The benchmark 10-year U.S. Treasury yield has moved further away from the important 5% level, following a surge in bond yields after comments from Federal Reserve Chairman Jerome Powell.
- The yield on the 2-year Treasury fell 1 basis point to 5.15%, after dropping 4.7 basis points to 5.171%.
- Thursday’s level was the third-highest of this year, based on 3 p.m. Eastern time figures from Dow Jones Market Data.
- The yield on the 10-year Treasury fell 3 basis points to 4.954%.
- On Thursday, the yield surged 8.5 basis points to 4.987%, the highest close since July 20, 2007.
- The 10-year traded as high as 4.996% during the New York session.
- The yield on the 30-year Treasury fell 2 basis points to 5.079%.

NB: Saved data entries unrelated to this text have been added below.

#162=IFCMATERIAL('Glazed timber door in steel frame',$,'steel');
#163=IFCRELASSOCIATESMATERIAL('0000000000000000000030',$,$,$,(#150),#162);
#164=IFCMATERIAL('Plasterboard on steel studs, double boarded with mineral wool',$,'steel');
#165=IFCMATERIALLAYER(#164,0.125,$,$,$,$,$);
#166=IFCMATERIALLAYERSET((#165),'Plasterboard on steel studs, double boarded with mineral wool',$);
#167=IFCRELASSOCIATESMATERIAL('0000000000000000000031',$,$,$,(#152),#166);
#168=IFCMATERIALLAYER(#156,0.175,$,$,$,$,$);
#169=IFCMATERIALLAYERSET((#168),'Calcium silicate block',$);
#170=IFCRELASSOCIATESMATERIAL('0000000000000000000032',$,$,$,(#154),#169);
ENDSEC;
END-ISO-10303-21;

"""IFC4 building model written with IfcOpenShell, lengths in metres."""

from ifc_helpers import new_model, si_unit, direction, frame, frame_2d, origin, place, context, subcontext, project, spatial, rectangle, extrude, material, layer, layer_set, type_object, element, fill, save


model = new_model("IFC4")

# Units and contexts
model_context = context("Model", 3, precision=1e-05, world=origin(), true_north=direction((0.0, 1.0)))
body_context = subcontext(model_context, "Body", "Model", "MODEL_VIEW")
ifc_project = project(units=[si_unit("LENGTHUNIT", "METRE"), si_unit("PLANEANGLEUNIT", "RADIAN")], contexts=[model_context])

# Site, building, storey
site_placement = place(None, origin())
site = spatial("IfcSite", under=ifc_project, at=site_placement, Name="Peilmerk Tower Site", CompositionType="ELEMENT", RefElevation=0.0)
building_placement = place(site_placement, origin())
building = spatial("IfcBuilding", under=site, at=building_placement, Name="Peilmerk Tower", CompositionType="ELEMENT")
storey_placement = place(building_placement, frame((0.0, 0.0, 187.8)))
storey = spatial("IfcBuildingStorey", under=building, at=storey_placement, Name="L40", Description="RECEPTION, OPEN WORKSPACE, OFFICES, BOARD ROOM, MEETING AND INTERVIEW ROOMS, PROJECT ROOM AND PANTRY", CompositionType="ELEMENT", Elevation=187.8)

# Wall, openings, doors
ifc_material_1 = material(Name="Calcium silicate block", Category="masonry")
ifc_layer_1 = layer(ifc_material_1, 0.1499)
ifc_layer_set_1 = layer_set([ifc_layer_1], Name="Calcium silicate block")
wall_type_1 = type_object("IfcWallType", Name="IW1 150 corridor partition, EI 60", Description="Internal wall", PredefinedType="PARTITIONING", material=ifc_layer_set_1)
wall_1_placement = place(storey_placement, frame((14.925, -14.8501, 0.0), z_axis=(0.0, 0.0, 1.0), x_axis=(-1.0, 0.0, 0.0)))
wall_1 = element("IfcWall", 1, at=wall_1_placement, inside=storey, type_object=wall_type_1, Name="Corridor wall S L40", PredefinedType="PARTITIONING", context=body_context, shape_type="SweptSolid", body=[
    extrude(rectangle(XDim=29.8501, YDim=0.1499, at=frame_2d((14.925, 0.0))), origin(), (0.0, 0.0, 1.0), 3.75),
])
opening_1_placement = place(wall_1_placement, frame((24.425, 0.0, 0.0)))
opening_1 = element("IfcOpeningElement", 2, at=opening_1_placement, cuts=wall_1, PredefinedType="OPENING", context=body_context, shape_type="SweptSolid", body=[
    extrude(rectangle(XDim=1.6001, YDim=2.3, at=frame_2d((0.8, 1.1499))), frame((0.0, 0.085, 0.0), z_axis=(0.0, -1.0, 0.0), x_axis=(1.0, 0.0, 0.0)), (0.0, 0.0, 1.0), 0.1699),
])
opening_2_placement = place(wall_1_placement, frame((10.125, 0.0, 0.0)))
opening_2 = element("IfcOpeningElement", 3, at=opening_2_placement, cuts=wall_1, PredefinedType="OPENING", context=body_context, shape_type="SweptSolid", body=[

- The yield jumped 10.8 basis points to 5.101% on Thursday, marking the highest close since July 19, 2007.
What’s Driving Markets
The surge in the 10-year Treasury yield near the psychologically important level of 5% has come as investors shed long-dated U.S. government debt. This is due to concerns that strong economic data would lead to higher interest rates for a longer period from the Federal Reserve.
Read: Why stock-market investors are fixated on 5% as 10-year Treasury yield nears key threshold
Spike in 10-Year Treasury Yields Driven by Powell’s Cautious Outlook
The spike in 10-year Treasury yields on Thursday was a direct result of Federal Reserve Chairman Jerome Powell’s cautious outlook on interest rate increases. While Powell did not rule out the possibility of further rate hikes, he acknowledged that higher Treasury yields could actually help the Fed in its fight against inflation by tightening financial conditions.
Adding to the upward pressure on yields, investors had to contend with stronger-than-expected weekly jobless claims data. This combination of factors has led to a surge in Treasury yields and has caught the attention of market analysts.
Neil Wilson, the chief market analyst at Finalto, highlighted several key factors contributing to the spike in Treasury yields. These include the Fed’s quantitative tightening measures, a deteriorating long-term inflation outlook, a significant increase in fresh issuances, rising deficits, and the Bank of Japan’s impending market normalization process.
Looking ahead, the economic calendar is relatively quiet for Friday, with only a speech from Cleveland Fed President Loretta Mester scheduled for 12:15 p.m. This speech marks the last scheduled event before the blackout period preceding the Fed’s November 1 rate decision.
According to the CME FedWatch Tool, market expectations currently indicate a 98.9% probability that the Fed will maintain its policy interest rates within the range of 5.25%-5.5% on November 1. The likelihood of a 25-basis-point rate hike to a range of 5.5%-5.75% by January stands at 31.5%.
In conclusion, the recent spike in 10-year Treasury yields can be attributed to Powell’s cautious outlook on interest rate increases, as well as positive economic data and various other underlying factors. Investors will closely watch for any developments that may shape future monetary policy decisions.